Till’s murder, and this image, are historically symbolic for movements that advocate to expose and overturn the deep-seated white supremacy and racial injustice in America. Using this image to create her painting, Shutz faced criticism as many accused her of creating spectacularization towards the death of black people. As Hopkins alludes, there is an ethical implication of Shutz taking this image to use for her own subjective and artistic benefit. Hopkin’s demonstrates that appropriation can and often, “takes place when there are imbalances of power when one attempts to represent the other.” Her article brings forth crucial considerations about appropriative practices in art: artists are those who work to conjure debate and question the status quo of society, yet that doesn’t mean they have the inherent right to speak through, about, or for another’s culture, history, or marginalization.

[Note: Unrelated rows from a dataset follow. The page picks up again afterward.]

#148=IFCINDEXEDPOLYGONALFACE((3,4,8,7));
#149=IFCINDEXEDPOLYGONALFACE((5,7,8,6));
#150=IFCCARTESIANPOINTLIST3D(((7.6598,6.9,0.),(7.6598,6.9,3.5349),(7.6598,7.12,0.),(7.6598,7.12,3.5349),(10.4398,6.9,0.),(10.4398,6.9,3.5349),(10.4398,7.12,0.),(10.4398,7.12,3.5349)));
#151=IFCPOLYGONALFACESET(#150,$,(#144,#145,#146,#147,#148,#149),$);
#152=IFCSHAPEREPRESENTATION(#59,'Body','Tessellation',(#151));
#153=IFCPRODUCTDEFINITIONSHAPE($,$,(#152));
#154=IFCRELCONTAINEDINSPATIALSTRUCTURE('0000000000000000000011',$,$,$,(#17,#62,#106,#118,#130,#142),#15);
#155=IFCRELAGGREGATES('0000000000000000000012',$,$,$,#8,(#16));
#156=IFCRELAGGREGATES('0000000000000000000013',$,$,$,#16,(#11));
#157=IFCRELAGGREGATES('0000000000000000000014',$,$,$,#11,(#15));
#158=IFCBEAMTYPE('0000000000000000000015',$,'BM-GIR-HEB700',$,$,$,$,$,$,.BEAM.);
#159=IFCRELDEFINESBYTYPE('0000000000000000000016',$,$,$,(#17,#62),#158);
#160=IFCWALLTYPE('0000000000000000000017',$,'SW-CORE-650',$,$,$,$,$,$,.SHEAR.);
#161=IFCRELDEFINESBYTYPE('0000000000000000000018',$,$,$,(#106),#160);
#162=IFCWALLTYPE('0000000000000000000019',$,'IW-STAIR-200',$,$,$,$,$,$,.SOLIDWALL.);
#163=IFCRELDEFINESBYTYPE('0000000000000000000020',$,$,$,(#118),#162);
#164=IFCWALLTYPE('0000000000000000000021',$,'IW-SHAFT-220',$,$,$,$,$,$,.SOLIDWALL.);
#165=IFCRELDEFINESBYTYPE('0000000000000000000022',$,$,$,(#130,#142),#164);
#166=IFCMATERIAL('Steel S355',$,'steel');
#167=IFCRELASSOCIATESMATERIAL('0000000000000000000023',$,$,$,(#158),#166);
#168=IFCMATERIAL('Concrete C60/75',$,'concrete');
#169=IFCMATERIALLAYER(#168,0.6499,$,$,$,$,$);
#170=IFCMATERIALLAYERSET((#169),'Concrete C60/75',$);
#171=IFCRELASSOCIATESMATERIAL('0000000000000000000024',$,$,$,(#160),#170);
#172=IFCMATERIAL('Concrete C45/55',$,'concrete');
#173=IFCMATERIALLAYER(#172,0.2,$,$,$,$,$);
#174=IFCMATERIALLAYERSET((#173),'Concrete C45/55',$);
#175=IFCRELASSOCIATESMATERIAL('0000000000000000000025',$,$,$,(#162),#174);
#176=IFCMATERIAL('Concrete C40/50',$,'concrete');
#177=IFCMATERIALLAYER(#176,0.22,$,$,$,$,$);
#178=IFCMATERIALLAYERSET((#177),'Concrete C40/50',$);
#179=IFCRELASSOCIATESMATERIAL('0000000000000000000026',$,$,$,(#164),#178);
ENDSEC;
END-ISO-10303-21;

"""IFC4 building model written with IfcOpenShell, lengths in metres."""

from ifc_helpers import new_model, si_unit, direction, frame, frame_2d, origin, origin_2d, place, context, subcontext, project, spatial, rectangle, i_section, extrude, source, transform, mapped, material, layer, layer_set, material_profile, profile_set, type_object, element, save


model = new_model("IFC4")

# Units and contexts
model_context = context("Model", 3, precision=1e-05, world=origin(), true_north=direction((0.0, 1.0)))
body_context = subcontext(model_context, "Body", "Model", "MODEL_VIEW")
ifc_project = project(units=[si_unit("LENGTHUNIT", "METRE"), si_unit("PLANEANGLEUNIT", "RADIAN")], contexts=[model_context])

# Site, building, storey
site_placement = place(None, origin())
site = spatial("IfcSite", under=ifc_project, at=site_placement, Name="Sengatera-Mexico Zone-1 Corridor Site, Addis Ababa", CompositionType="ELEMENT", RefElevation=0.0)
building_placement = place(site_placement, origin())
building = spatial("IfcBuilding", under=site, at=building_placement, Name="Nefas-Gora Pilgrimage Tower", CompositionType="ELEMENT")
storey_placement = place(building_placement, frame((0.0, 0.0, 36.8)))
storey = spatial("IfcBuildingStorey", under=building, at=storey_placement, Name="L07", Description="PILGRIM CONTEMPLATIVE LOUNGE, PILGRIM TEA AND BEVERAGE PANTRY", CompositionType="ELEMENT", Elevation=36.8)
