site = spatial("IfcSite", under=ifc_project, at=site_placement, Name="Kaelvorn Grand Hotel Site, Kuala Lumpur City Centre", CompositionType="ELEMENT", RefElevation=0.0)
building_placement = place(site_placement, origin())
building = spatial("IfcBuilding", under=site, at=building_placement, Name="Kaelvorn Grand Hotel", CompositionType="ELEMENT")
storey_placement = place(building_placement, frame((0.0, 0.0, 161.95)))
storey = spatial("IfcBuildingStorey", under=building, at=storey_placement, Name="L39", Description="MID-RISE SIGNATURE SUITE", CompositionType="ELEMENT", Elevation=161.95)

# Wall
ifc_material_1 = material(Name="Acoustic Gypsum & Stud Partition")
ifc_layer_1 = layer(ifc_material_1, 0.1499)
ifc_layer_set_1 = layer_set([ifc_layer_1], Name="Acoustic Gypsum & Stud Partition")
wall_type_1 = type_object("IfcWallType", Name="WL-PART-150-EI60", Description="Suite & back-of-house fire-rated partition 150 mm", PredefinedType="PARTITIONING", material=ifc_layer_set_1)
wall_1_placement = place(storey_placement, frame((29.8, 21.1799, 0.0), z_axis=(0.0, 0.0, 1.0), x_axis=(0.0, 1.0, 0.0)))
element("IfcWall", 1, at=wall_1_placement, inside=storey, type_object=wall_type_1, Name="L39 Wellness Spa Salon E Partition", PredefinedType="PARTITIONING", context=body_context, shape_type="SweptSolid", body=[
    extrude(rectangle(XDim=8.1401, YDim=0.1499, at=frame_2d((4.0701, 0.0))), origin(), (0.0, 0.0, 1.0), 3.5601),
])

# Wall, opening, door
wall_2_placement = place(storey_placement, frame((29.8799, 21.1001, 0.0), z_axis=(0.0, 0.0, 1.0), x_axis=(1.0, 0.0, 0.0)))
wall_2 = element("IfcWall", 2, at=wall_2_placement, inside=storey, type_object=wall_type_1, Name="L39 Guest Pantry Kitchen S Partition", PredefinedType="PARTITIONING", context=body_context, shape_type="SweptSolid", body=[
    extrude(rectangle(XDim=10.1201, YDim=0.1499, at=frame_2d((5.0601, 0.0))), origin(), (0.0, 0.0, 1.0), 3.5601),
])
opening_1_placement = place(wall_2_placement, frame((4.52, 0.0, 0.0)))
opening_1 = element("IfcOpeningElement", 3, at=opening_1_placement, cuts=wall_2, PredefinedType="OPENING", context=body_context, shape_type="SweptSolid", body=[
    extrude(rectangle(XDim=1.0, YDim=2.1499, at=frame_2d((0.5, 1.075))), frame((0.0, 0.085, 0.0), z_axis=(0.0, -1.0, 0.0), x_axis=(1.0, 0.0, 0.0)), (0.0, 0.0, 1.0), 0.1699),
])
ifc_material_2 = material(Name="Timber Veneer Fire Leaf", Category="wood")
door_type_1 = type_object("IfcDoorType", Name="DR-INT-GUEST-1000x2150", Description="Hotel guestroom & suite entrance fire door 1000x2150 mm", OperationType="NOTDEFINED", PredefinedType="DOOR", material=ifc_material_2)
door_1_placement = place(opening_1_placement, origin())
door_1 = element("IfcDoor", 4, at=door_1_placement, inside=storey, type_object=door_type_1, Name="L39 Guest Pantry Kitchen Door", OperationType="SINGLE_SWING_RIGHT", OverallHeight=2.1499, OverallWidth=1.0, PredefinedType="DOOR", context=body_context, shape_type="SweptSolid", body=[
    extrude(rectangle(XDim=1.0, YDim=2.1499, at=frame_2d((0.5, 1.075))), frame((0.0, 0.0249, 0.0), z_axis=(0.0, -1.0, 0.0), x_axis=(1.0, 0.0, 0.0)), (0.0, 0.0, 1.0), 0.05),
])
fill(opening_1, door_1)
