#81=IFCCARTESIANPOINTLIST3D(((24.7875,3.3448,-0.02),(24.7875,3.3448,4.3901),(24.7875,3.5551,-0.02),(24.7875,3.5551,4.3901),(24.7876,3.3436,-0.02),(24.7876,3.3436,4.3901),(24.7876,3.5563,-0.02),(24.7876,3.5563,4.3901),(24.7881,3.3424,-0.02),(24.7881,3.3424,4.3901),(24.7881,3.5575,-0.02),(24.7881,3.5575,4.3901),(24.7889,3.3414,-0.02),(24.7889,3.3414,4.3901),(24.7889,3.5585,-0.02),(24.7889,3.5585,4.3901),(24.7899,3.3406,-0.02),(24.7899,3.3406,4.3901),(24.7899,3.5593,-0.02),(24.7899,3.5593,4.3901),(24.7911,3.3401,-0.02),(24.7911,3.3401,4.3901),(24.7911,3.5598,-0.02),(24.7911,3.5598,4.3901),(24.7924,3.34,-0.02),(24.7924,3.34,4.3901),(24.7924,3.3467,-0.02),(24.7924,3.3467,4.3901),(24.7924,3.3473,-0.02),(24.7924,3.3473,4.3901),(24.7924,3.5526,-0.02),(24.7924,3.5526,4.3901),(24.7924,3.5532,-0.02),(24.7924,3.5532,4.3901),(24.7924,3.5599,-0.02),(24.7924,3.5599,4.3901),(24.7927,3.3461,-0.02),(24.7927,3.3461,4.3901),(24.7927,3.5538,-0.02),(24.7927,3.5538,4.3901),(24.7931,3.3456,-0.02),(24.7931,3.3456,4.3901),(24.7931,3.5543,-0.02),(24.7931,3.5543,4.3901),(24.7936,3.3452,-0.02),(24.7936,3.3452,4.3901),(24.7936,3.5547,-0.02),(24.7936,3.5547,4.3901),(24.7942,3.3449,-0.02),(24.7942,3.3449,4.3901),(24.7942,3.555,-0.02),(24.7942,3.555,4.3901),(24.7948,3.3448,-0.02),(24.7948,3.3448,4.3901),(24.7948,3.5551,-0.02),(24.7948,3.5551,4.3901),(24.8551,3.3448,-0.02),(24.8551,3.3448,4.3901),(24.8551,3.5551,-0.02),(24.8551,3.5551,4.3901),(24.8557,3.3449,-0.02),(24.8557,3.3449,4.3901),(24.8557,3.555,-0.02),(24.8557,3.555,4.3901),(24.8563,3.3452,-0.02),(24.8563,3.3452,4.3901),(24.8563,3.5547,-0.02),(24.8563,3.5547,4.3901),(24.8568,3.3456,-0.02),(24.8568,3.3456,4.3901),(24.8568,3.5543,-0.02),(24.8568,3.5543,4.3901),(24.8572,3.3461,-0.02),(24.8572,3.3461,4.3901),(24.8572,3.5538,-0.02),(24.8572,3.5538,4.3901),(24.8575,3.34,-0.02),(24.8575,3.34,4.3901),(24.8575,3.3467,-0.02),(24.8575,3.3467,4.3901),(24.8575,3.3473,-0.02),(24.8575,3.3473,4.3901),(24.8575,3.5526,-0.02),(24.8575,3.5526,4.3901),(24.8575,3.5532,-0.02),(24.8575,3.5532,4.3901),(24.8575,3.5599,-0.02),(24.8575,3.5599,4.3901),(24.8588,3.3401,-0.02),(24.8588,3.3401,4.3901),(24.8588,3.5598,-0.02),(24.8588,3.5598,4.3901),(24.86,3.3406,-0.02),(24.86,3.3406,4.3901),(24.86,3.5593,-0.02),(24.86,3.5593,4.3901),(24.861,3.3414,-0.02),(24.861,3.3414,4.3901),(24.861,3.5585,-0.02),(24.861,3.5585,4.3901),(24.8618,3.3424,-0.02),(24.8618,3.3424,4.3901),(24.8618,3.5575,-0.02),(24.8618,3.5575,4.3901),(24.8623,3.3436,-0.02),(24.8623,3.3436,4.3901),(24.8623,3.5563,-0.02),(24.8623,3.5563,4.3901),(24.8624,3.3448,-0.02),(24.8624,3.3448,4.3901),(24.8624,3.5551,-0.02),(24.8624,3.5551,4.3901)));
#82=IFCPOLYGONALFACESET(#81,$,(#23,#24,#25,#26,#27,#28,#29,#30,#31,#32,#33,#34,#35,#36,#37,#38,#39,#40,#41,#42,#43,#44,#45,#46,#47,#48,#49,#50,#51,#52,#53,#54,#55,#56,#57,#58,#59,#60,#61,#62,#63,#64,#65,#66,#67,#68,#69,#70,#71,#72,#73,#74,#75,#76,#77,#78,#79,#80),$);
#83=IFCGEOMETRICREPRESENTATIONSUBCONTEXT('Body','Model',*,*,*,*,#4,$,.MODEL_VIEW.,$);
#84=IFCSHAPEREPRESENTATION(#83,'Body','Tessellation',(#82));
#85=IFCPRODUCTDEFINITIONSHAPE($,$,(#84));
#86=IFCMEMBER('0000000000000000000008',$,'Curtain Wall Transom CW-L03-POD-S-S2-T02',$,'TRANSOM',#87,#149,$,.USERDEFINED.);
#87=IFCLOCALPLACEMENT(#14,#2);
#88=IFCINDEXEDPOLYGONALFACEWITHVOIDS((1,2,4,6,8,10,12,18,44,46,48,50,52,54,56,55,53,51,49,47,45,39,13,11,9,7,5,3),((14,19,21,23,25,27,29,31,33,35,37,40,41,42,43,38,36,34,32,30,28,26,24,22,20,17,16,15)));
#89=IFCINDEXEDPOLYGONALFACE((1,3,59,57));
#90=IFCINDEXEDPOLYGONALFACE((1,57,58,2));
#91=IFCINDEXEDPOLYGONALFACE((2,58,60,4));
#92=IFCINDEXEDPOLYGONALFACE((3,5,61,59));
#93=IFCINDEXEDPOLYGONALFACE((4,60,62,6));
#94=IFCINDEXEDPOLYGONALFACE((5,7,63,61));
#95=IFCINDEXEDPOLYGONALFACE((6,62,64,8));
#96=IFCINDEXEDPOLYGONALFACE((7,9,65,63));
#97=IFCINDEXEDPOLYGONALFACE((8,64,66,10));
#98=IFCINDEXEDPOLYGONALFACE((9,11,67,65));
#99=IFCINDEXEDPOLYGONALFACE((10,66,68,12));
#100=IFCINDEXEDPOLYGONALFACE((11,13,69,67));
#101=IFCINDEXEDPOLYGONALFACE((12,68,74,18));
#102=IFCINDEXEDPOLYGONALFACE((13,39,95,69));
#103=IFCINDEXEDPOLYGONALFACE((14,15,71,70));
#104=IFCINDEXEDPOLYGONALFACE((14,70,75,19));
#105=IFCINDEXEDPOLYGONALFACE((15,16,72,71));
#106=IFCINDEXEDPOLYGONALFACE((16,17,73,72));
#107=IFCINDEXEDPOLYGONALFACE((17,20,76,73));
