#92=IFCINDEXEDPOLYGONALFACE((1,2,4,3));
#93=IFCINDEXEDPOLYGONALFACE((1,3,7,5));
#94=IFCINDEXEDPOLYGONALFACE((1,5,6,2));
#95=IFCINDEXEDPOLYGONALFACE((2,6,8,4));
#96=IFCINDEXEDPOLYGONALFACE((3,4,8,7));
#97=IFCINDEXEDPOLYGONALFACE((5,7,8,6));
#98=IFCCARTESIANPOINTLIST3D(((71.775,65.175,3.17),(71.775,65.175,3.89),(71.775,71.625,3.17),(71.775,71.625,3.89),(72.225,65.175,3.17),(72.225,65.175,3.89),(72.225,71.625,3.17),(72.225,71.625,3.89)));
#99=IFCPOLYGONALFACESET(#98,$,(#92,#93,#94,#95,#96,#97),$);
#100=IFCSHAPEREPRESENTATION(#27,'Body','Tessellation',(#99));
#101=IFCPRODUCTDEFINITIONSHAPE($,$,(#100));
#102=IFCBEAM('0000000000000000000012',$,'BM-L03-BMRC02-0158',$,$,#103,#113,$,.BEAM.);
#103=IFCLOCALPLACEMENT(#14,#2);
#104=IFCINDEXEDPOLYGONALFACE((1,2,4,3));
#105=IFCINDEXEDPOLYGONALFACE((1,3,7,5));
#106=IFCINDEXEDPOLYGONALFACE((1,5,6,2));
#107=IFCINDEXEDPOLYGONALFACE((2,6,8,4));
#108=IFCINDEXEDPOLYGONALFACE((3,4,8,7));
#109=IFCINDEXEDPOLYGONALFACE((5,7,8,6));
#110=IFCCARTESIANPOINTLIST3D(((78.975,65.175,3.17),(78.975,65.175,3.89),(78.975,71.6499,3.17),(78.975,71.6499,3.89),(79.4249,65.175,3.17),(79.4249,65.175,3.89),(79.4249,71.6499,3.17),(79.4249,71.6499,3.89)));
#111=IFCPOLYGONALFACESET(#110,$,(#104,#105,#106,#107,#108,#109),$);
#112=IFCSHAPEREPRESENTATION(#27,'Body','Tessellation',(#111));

Appropriation has a significant purpose as a practice of art. Still, it is essential to remember that appropriation is a complicated practice within a complex moral history. As Nishnaabekwe Artist Aylan Couchie expresses, recognizing that the canon of contemporary and modern art is tied to a community of European (or settler) artists, Western ideologies, and whiteness is important in understanding how appropriation has operated throughout art history. Despite productive examples of appropriative art, it is essential to recognize there are ethical implications when the appropriation is used in a system of power to dominate and perpetuate injustice. Even so, appropriation is a nuanced practice and has been a method for diverse artists from diverse backgrounds to critique and contemplate conditions of society, art history, and culture. In art, appropriation is used to contemplate history, reframe ideas, generate conversation, and produce new ways of thinking, exploring, and informing.